At this point my disease was completely uncontrolled and I was begging for relief. Devastatingly, the Humira didn’t work. Neither did Enbrel, also a TNFI injection, Methotrexate, a chemotherapy pill, or, eventually, the biggest shotgun on offer: Infliximab infusions.

In 2017, I was going to hospital for Infliximab (initially designed as a cancer drug) every 6-8 weeks. The infusion took several hours, a necessary slow drain because it can cause anaphylactic shock, heart failure, seizures and many other fun things, so you’re monitored extremely closely.

Luckily I did not experience any serous response. The only discernible results from the cocktail of drugs were intense fatigue, nausea and vomiting, hair loss and weight gain. I stopped. There were no further ‘treatment’ options for the illness, only ones to help manage the symptoms.

Over the last three years I’ve found some things that help, and I’ve been ever-so-slowly getting better. But then, a nurse mentioned to me that sometimes, TNFI’s work better the second time around. I consulted my rheumatologist and decided, literally, to give Humira another shot.

This is the list of warnings and side effects that come with it. A double-sided table cloth. By the time Nik finished reading it I’d already done the first injection. Not because I felt casual about it – anything but – but because I’d been here before. I didn’t need to stop at the *danger danger* signs to remind myself what they meant.
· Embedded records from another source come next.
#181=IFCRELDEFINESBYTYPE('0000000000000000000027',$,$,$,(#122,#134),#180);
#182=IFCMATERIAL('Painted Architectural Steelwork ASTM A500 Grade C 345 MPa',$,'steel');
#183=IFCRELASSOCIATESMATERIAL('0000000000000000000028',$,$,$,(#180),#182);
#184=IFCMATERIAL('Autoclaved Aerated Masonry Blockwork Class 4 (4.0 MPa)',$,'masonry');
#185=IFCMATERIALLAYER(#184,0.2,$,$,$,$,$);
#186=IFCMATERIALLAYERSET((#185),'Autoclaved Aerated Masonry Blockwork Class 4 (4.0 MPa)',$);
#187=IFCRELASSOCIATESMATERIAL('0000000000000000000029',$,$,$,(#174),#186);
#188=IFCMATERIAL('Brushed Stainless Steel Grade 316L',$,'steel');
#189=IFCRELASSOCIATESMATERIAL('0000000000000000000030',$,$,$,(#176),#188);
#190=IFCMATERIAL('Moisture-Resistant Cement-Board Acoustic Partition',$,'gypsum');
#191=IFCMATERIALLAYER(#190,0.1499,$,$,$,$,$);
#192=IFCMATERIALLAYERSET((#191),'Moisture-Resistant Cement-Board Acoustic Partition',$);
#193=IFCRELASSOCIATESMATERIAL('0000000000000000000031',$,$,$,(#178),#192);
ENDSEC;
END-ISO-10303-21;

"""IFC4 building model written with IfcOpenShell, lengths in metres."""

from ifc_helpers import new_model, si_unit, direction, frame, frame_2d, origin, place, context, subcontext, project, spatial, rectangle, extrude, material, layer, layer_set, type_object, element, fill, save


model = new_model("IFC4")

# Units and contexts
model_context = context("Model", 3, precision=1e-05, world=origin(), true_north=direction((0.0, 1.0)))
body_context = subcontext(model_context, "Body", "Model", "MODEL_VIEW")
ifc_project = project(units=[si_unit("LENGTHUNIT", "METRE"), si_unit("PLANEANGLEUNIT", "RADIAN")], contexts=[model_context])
The first time around, I used an automated pen to administer the shot, but that’s quite difficult to get right, and Humira costs somewhere around the $2k mark. Per injection. It’s not something you want to fuck up, even if you’re not paying the bill (thank you, subsidised healthcare).
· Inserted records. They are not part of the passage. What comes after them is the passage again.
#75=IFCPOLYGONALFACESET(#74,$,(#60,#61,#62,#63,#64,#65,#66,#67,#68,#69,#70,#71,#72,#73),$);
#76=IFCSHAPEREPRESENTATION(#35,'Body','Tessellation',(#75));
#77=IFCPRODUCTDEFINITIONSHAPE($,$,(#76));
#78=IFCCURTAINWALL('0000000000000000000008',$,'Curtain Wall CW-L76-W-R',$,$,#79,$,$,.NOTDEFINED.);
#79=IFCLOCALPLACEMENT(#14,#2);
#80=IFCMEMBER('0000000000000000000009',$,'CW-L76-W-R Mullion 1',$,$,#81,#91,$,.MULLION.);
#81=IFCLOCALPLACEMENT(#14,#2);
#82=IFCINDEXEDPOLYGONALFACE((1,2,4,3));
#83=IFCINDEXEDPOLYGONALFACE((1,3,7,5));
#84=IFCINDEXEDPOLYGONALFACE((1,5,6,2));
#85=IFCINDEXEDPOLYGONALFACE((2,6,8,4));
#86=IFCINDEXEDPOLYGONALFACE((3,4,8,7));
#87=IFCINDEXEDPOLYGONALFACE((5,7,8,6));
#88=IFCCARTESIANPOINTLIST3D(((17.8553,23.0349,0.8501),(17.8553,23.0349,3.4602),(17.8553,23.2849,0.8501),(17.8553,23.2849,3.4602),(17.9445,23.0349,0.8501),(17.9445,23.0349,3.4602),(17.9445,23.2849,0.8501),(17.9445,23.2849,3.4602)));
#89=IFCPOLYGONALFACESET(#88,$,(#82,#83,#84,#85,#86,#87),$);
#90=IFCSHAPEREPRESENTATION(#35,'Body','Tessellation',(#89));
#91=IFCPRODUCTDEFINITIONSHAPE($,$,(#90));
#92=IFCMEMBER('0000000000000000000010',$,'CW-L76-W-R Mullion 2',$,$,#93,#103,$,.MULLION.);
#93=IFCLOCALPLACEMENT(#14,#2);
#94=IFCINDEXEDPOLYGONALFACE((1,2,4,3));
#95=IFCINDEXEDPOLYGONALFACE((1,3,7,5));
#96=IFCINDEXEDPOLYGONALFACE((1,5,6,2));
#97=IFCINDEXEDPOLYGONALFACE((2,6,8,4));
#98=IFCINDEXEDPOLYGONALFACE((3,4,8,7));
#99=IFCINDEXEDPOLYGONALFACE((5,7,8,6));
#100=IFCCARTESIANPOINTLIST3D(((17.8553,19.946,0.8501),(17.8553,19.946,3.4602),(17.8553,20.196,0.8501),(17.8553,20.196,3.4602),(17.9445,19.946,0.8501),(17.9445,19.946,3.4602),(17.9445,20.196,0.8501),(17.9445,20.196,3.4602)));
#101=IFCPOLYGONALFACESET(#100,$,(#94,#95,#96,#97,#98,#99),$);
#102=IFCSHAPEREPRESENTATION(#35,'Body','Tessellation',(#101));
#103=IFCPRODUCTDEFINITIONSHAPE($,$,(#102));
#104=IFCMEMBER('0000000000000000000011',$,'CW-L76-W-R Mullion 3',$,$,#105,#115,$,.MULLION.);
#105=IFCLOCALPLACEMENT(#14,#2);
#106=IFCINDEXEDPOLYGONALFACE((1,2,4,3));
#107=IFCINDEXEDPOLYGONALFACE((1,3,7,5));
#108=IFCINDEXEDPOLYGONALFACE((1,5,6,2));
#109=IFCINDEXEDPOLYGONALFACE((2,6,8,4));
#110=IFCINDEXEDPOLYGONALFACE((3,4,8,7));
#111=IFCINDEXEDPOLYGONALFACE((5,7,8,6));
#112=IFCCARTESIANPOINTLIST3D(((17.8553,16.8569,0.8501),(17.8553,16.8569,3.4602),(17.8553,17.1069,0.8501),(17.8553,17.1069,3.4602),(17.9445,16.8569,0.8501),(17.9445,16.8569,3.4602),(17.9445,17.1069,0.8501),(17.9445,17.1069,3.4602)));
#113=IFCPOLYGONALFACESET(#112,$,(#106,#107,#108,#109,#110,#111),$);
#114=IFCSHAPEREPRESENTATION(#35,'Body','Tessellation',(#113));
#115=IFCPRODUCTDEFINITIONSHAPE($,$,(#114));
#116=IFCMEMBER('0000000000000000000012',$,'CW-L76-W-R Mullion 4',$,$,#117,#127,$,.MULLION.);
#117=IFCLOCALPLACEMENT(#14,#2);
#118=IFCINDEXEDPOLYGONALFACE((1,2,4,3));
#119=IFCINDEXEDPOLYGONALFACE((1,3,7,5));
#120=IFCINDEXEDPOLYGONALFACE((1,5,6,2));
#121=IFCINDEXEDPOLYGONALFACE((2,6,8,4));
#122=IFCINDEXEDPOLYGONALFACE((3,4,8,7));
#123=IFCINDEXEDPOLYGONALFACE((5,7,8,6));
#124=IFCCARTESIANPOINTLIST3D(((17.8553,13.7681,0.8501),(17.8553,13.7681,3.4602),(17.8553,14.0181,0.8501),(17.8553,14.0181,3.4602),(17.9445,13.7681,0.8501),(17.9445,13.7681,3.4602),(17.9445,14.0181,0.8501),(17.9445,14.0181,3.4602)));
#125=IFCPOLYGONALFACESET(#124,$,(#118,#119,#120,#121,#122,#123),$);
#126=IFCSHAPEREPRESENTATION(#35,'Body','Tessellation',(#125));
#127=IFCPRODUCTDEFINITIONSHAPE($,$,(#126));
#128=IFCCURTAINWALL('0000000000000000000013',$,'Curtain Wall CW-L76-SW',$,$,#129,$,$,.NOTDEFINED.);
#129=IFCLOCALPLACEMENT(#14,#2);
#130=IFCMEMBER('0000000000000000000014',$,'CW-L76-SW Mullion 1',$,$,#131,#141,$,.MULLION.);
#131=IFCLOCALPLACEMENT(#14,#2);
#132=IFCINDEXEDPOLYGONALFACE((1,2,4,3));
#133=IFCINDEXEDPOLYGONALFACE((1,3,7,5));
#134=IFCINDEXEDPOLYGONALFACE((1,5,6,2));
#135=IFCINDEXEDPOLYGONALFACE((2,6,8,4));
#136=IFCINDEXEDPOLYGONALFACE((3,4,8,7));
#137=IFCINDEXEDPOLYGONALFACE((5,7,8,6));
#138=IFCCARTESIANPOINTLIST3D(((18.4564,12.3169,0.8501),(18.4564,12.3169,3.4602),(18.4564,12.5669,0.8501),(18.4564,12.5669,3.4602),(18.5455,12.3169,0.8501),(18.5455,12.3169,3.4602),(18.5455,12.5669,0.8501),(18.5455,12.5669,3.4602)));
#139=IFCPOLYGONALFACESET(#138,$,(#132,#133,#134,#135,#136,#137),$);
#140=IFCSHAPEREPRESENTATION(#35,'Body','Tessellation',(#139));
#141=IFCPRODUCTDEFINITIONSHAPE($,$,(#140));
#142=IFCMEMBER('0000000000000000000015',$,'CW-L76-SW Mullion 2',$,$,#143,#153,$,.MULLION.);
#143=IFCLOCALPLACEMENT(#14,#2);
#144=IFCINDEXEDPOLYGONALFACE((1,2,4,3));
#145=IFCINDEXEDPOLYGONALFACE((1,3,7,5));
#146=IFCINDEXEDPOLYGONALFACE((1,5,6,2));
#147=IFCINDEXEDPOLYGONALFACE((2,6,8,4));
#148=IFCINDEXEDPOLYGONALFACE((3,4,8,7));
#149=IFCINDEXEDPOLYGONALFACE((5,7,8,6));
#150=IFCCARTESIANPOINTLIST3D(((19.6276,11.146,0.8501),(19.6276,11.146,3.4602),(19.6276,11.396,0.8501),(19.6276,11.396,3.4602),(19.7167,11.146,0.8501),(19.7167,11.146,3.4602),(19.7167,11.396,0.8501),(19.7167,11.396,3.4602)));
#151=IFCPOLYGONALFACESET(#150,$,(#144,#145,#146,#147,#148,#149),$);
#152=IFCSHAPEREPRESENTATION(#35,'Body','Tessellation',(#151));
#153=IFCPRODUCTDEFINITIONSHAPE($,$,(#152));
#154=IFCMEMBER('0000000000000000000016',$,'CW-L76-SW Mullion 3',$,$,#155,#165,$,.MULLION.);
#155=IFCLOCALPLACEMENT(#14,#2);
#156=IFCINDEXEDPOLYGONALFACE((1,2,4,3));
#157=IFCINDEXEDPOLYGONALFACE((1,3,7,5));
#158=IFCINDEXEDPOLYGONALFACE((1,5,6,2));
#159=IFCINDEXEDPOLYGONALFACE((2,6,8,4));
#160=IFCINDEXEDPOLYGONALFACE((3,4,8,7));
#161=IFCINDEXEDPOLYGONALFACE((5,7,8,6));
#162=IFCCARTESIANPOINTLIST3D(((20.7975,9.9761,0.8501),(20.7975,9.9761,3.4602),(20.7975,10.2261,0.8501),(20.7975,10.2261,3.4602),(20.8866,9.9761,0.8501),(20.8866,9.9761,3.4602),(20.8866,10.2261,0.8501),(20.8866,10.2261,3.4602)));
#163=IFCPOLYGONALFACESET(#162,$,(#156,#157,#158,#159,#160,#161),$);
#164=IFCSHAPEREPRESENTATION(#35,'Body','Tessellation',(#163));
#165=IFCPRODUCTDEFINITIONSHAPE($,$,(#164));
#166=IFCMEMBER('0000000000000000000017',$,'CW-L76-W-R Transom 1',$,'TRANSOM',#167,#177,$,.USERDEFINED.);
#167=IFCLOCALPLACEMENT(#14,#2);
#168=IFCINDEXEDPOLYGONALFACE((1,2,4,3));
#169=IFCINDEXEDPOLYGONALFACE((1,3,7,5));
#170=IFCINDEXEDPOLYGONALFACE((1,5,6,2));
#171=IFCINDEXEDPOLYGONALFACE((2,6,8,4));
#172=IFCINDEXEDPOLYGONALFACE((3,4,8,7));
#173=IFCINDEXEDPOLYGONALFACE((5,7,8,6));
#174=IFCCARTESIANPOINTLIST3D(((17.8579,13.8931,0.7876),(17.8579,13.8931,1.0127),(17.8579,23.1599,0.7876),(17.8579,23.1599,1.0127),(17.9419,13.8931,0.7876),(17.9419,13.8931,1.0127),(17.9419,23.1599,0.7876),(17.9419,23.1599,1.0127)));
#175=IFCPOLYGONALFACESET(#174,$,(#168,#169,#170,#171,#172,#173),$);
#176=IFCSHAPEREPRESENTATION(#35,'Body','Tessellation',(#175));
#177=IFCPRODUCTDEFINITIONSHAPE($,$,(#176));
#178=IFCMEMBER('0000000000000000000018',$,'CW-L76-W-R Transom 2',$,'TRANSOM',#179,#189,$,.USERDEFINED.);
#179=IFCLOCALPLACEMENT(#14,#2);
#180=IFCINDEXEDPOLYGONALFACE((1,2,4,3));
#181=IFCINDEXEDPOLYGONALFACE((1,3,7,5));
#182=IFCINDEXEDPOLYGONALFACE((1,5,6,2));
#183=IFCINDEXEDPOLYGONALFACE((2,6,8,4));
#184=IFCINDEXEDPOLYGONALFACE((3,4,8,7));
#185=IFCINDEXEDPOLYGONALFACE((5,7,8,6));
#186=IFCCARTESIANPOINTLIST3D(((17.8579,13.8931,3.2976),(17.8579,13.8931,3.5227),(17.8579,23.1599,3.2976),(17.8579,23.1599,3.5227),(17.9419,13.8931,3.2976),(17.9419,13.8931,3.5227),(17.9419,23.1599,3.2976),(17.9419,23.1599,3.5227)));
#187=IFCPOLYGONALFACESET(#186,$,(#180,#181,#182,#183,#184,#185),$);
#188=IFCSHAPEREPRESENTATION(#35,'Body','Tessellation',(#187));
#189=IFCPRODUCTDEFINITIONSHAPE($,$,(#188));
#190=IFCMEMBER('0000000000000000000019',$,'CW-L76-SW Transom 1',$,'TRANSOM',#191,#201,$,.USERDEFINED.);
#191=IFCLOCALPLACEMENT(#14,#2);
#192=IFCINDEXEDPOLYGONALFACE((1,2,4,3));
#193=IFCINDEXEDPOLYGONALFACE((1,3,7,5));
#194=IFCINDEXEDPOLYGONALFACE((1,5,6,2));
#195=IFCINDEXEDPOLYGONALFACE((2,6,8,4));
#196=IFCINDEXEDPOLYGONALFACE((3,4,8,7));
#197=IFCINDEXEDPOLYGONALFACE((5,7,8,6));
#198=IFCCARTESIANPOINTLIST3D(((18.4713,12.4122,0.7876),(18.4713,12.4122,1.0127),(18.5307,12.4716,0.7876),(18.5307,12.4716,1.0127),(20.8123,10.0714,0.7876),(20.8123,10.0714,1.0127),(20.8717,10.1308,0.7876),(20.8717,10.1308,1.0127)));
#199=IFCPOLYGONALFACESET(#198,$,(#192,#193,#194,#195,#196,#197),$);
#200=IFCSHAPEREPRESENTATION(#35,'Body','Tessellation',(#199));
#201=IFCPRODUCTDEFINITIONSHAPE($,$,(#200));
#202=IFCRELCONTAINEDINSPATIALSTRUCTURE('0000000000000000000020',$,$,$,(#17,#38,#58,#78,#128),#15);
So I switched to a pre-filled syringe. I use an ice pack to numb my stomach as much as possible. Because I’m small, and because I scar easily (as shown by my navel piercing from 17 years ago), it can be difficult to find enough unscarred fat to inject into. The needle doesn’t hurt, but the drug going into the muscle sure does.
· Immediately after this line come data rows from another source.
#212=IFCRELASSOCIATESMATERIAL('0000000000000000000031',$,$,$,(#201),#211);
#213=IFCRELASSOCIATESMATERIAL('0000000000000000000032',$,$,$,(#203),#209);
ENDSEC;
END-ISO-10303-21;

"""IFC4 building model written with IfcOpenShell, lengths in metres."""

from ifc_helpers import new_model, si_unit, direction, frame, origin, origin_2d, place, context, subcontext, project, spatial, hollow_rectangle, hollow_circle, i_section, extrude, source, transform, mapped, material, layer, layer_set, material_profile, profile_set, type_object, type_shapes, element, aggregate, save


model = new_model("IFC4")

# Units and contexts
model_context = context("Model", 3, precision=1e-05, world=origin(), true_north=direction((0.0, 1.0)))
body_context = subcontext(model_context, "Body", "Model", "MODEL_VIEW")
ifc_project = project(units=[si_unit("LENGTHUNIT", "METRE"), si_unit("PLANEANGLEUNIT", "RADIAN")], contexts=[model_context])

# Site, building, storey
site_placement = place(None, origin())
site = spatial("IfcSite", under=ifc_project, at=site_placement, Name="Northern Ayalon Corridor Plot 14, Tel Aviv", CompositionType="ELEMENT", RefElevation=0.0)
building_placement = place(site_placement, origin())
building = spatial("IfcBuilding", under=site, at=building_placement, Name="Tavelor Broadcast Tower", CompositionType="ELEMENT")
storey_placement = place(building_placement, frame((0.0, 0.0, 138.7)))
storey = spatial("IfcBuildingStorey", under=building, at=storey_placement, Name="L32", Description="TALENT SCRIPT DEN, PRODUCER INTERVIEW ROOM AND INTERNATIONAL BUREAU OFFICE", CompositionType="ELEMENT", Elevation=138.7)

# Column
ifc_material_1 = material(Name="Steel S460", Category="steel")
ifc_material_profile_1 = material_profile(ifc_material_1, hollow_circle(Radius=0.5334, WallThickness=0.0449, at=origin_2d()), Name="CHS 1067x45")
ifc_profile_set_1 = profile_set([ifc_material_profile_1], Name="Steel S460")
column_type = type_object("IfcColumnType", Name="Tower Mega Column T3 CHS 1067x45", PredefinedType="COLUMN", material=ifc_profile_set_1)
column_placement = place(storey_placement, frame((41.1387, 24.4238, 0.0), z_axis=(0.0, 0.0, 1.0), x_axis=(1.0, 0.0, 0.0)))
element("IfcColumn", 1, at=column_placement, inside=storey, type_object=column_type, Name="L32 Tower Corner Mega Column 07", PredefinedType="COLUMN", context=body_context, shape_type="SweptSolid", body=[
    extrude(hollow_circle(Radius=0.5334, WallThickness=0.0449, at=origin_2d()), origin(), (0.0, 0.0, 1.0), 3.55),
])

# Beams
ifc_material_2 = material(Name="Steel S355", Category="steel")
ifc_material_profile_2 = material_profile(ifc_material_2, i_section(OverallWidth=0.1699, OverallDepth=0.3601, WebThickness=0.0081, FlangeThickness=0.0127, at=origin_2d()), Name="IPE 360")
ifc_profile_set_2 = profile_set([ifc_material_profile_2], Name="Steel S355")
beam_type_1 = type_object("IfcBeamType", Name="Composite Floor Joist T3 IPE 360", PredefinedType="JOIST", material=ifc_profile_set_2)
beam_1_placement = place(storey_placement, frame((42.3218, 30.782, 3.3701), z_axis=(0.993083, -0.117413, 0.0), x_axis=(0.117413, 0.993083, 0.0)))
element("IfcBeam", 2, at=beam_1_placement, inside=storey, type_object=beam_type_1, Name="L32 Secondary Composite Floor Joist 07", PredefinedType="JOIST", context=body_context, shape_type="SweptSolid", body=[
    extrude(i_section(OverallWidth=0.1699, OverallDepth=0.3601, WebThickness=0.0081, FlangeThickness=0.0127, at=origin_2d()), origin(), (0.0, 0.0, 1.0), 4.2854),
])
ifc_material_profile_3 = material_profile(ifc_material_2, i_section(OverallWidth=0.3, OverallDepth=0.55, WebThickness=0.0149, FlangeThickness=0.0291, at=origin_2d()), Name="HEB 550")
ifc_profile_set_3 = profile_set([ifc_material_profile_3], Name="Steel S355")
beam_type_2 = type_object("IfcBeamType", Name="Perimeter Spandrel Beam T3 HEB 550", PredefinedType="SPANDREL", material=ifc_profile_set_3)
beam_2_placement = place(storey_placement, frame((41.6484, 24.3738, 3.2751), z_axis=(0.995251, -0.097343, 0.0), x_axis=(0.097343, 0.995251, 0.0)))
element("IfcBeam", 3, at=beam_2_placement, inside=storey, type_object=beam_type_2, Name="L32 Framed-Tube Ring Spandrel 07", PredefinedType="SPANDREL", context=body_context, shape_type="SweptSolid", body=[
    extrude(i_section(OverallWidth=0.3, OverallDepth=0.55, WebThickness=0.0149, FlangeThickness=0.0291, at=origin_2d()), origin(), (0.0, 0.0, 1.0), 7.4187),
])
The shots take 6-8 weeks to start working. I am at Week 8. And I am very excited because (touch wood) I think it’s actually doing it’s thing for me this time. I have slightly more energy, slightly less pain. Discernible enough to give me hope.

I am also, of course, the definition of ‘immunocompromised in a pandemic,’ so if I come into contact with COVID-19, I have no idea how my body would react. I know I’m not alone in this. Today, wearing a mask and circling widely around others in the supermarket in Nelson, I felt a little silly. Paranoid, maybe. But I’d kinda rather be paranoid than, y’know. More sick.

I also get to carry round this nifty card which lets people know why I might feel that way. It has the doctor’s details and other important info on the back.

It’s kinda weird to be injecting yourself with something that could kill you, so that other things don’t kill you, but some of those things could because of the thing you’re injecting yourself with?

But I can tell it’s working. The last couple days before the dose is due, my energy drains away, my pain creeps back up. Which means on my good days, I’m doing more than I thought possible after my diagnosis. So I’m going to keep going, because getting my life back is, actually, worth the risk of anything happening to it.